Le fossé se creuse entre riches et pauvres | Le rapport d’Oxfam sur les inégalités dans le monde

Montréal, 21 janvier 2019 – Alors qu’une partie de l’élite économique et politique mondiale se réunit cette semaine au Forum économique mondial de Davos, Oxfam publie un nouveau rapport démontrant que la fortune des milliardaires a augmenté chaque jour de 2,5 milliards de dollars l’année dernière, pendant que la moitié la plus pauvre de l’humanité perdait 500 millions de dollars par jour.

Plus précisément, la fortune des milliardaires a augmenté de 12 % l’an dernier (l’équivalent de 2,5 milliards de dollars par jour), tandis que les 3,8 milliards de personnes qui composent la moitié la plus pauvre de l’humanité ont vu leur richesse diminuer encore de 11 % (soit de 500 millions de dollars par jour).

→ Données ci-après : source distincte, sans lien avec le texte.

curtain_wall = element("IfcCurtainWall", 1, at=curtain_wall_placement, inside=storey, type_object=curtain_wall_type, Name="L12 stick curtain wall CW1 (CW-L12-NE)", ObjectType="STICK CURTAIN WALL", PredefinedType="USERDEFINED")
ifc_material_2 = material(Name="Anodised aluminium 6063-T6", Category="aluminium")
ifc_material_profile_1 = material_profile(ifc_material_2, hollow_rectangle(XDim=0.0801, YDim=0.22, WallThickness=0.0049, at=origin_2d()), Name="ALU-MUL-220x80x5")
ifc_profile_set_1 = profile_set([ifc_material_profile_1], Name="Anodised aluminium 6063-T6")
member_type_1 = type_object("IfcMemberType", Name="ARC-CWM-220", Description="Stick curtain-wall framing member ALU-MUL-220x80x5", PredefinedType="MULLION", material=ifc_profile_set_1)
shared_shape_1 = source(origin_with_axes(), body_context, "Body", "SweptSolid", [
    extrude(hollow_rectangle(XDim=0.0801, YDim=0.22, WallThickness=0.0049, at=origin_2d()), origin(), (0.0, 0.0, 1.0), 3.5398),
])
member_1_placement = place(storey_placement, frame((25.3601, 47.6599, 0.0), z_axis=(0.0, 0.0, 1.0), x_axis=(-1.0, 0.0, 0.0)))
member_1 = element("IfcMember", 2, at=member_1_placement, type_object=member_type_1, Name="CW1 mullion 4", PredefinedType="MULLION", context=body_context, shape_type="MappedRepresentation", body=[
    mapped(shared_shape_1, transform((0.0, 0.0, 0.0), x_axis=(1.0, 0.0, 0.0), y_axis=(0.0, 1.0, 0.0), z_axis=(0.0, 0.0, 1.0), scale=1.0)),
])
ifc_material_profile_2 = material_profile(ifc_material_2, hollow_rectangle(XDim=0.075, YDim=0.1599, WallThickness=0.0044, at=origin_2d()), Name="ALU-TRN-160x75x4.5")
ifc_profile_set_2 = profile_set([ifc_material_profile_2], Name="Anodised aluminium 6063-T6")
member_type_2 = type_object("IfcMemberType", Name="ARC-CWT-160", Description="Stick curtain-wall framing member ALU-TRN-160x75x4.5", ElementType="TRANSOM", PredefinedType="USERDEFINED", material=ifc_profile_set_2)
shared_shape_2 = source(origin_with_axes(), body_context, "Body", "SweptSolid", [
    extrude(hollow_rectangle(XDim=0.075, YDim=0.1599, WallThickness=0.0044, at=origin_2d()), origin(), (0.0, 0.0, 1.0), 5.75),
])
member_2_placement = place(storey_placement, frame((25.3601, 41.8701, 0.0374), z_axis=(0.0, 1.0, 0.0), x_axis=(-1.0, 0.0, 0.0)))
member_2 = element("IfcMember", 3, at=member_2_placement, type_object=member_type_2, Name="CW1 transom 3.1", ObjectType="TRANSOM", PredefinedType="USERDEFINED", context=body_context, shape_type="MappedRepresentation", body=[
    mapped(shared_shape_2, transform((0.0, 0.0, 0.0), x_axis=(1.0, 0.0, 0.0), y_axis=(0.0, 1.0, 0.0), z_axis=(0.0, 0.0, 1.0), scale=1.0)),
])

Le rapport d’Oxfam intitulé « Services publics ou fortunes privées ? » montre à quel point ce fossé qui se creuse entre riches et pauvres nuit à nos économies, en attisant la colère publique dans le monde entier. Il révèle comment les gouvernements exacerbent les inégalités, d’un côté en sous-finançant les services publics, tels que la santé et l’éducation, et de l’autre en sous-imposant les grandes entreprises et les individus fortunés et en renonçant à combattre efficacement le recours aux paradis fiscaux. Il conclut également que les femmes et les filles sont les plus durement touchées par la hausse des inégalités économiques.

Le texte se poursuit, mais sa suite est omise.